Les États-Unis prolongent la suspension du dialogue économique avec la Chine décidée par l'ère Trump
Bloomberg
14 juillet 2021
La secrétaire au Trésor Janet Yellen et ses collaborateurs n'ont pas l'intention de ressusciter le dialogue économique régulier entre les États-Unis et la Chine qui régissait les liens entre les deux nations sous les administrations Bush et Obama, poursuivant pour l'instant la suspension mise en place sous le président Donald Trump.
L'équipe de Mme Yellen et celles d'autres ministères sont en contact avec leurs homologues chinois, mais il n'est pas prévu pour l'instant de relancer des discussions surficielles à haut niveau, selon des personnes au fait de la situation.
Une porte-parole du Trésor s'est refusée à tout commentaire.
Le manque d'intérêt pour la réouverture des canaux actifs sous la présidence de Barack Obama s'ajoute aux preuves du durcissement de la position du président Joe Biden à l'égard de la Chine, ce qui laisse présager une détérioration continue des liens entre les deux plus grandes économies du monde.
Une série de mesures prises par les États-Unis ces derniers jours - notamment un avertissement aux entreprises américaines à Hong Kong, de nouveaux contrôles des importations dans la région chinoise du Xinjiang et des discussions sur un accord commercial numérique qui exclurait Pékin - montrent que M. Biden envisage d'étendre et même d'apprsurondir l'approche plus conflictuelle de M. Trump.
Les responsables de l'administration Biden affirment que la stratégie américaine est une réaction au comportement agressif de la Chine. Cette position obligera les investisseurs et les entreprises à faire des choix difficiles dans ce que M. Biden a lui-même décrit comme une bataille déterminante du XXIe siècle, et pourrait surprendre ceux qui s'attendaient à une certaine souplesse de la part du président démocrate.
"C'est franchement une erreur", a déclaré Max Baucus, ancien sénateur démocrate et ambassadeur des États-Unis en Chine sous la présidence de Barack Obama, sur Bloomberg Radio. "Nous commettons une erreur en n'essayant pas de trouver un moyen de traiter correctement et prudemment avec la Chine. Plus nous nous dirigeons vers un découplage, plus nous risquons de nous enfoncer dans des problèmes plus prsuronds.

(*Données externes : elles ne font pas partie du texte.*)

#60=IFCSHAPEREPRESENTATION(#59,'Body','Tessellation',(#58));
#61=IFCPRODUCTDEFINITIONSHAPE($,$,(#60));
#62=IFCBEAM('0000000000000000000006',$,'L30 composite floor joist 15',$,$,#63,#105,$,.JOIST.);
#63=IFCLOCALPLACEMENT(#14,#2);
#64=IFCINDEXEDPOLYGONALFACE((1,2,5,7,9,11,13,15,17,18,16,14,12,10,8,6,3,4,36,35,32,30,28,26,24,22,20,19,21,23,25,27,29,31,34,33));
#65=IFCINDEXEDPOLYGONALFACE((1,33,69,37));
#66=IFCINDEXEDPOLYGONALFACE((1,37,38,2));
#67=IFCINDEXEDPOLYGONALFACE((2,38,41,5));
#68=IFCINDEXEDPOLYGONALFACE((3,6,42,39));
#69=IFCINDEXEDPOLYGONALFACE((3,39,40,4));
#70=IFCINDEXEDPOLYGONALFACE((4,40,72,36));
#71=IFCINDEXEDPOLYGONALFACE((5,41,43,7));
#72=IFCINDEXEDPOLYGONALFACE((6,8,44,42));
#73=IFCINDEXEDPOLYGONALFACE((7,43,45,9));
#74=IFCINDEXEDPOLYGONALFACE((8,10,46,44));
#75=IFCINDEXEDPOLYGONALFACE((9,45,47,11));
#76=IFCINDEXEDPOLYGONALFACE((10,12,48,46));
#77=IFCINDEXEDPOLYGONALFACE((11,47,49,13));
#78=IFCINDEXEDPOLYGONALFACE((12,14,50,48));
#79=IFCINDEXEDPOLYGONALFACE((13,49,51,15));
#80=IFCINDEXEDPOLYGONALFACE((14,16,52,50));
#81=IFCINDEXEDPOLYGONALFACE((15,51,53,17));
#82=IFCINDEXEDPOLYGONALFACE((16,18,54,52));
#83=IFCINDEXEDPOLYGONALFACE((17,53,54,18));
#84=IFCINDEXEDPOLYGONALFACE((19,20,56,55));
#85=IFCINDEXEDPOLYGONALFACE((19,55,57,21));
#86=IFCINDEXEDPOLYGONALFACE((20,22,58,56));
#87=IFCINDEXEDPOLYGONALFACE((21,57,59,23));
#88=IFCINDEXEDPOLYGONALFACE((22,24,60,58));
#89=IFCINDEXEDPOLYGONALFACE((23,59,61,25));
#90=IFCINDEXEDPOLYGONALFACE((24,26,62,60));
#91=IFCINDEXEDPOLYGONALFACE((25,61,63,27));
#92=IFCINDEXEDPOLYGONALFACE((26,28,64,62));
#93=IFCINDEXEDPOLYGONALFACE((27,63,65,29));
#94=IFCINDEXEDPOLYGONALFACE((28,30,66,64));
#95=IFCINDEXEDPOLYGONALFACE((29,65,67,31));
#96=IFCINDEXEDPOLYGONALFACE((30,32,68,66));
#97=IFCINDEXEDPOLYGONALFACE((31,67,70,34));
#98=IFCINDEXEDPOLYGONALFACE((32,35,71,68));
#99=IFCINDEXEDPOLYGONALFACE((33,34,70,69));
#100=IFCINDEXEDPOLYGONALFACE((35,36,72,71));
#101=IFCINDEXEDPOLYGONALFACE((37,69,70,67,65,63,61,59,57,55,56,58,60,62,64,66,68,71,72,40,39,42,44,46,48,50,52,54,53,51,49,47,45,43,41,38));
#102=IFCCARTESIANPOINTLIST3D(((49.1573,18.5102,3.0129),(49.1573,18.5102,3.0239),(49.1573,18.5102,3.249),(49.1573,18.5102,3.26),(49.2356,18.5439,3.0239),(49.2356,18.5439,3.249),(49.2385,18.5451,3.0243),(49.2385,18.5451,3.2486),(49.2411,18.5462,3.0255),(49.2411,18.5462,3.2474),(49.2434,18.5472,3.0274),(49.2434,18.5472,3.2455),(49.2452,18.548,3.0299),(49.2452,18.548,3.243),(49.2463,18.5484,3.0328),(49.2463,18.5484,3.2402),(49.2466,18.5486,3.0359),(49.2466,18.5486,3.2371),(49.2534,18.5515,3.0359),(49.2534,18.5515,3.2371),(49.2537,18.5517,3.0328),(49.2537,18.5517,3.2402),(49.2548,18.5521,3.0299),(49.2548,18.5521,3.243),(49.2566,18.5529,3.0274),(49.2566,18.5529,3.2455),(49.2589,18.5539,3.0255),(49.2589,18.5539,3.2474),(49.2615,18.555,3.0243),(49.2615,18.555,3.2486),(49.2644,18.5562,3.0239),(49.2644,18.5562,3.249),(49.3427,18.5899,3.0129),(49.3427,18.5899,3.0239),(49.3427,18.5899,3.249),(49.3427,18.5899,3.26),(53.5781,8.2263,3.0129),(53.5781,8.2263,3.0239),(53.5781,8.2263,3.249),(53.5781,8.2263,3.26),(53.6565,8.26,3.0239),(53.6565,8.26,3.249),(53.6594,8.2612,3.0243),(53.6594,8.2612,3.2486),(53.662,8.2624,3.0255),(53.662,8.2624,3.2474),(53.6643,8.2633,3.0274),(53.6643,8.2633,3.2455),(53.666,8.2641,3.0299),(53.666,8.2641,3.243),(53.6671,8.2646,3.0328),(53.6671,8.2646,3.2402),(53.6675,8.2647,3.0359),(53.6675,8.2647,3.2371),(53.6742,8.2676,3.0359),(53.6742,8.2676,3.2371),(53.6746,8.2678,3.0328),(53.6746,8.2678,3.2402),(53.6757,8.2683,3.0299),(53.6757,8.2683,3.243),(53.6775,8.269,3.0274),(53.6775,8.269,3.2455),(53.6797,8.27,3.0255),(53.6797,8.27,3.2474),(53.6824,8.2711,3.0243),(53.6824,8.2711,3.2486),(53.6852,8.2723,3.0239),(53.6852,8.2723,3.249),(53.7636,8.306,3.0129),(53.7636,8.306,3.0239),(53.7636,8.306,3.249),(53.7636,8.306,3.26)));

Lundi, Mme Yellen a cité la Chine parmi les pays qui mettent en péril "l'ordre international fondé sur des règles" mis en place après la Seconde Guerre mondiale, ainsi que la Russie et la Biélorussie. Cette déclaration a été faite après que Mme Yellen a assisté à une réunion des chefs des finances du Groupe des 20, à laquelle la délégation chinoise a participé à distance, ce qui a empêché une éventuelle première rencontre en personne entre Mme Yellen et ses homologues.
Elle a accusé la Chine de "pratiques économiques déloyales, de comportement malveillant et de violations des droits de l'homme" dans les remarques qu'elle a faites à Bruxelles devant les ministres européens des finances.

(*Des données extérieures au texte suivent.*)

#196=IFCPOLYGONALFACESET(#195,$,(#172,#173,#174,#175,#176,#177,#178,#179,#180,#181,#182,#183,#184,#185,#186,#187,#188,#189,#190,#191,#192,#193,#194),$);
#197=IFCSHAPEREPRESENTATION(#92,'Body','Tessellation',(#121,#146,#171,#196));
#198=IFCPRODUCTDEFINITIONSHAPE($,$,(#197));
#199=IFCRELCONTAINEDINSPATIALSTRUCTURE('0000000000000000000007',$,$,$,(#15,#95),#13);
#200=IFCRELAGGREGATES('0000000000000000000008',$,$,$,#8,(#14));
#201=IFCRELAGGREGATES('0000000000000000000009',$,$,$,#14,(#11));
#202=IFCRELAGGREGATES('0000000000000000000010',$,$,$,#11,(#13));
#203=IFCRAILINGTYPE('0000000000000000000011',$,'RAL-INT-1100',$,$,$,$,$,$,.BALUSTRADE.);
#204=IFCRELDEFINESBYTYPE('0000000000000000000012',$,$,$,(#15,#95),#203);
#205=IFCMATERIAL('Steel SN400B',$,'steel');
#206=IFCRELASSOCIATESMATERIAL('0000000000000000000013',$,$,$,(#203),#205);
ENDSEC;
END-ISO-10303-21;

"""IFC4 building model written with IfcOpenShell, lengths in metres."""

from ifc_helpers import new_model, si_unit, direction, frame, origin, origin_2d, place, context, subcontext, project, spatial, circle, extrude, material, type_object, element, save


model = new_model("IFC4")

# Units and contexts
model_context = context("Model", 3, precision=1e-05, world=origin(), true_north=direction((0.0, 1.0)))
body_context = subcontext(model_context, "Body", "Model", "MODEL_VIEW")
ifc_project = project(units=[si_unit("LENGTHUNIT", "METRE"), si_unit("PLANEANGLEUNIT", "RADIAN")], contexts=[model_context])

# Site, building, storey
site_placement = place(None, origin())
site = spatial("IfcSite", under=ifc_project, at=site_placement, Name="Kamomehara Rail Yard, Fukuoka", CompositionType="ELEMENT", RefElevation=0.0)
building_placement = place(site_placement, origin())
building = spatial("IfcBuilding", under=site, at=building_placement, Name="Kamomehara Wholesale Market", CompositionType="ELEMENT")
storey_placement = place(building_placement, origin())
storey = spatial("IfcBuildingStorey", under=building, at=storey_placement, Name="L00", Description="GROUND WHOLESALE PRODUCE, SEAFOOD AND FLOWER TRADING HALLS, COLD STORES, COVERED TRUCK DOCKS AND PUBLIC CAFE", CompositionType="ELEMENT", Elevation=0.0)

Mme Yellen a eu une réunion virtuelle avec Liu He, vice-premier ministre chinois, le 1er juin.
En 2006, sous l'administration de George W. Bush, Henry Paulson, alors secrétaire au Trésor, a lancé le "dialogue économique stratégique", qui réunissait deux fois par an les directeurs financiers, les banquiers centraux et les représentants des ministères des affaires étrangères, entre autres. Après l'accession d'Obama à la présidence, ce dialogue s'est poursuivi chaque année sous le nom de Dialogue stratégique et économique (DSE).
Bien qu'il y ait eu peu de percées politiques, les pourparlers ont donné lieu à de longues déclarations conjointes et à des signes publics de coopération de part et d'autre. Les deux pays ont animé à tour de rôle des sessions qui se sont terminées par des photos de groupe.
L'administration Trump a interrompu ces discussions en 2018, après que le groupe se soit réuni en 2017 au département du Trésor sous la direction du secrétaire d'État de l'époque, Steven Mnuchin, et qu'il ait été incapable de produire une déclaration commune.
"On a l'impression que la stratégie de développement durable a été utile pour gagner du temps, pour que la Chine n'ait pas à faire de changements, pour qu'elle puisse parler indéfiniment", a déclaré Scott Kennedy, spécialiste de la Chine au Center for Strategic & International Studies, un centre de recherche bipartisan de Washington dont le conseil d'administration compte d'éminents républicains et démocrates.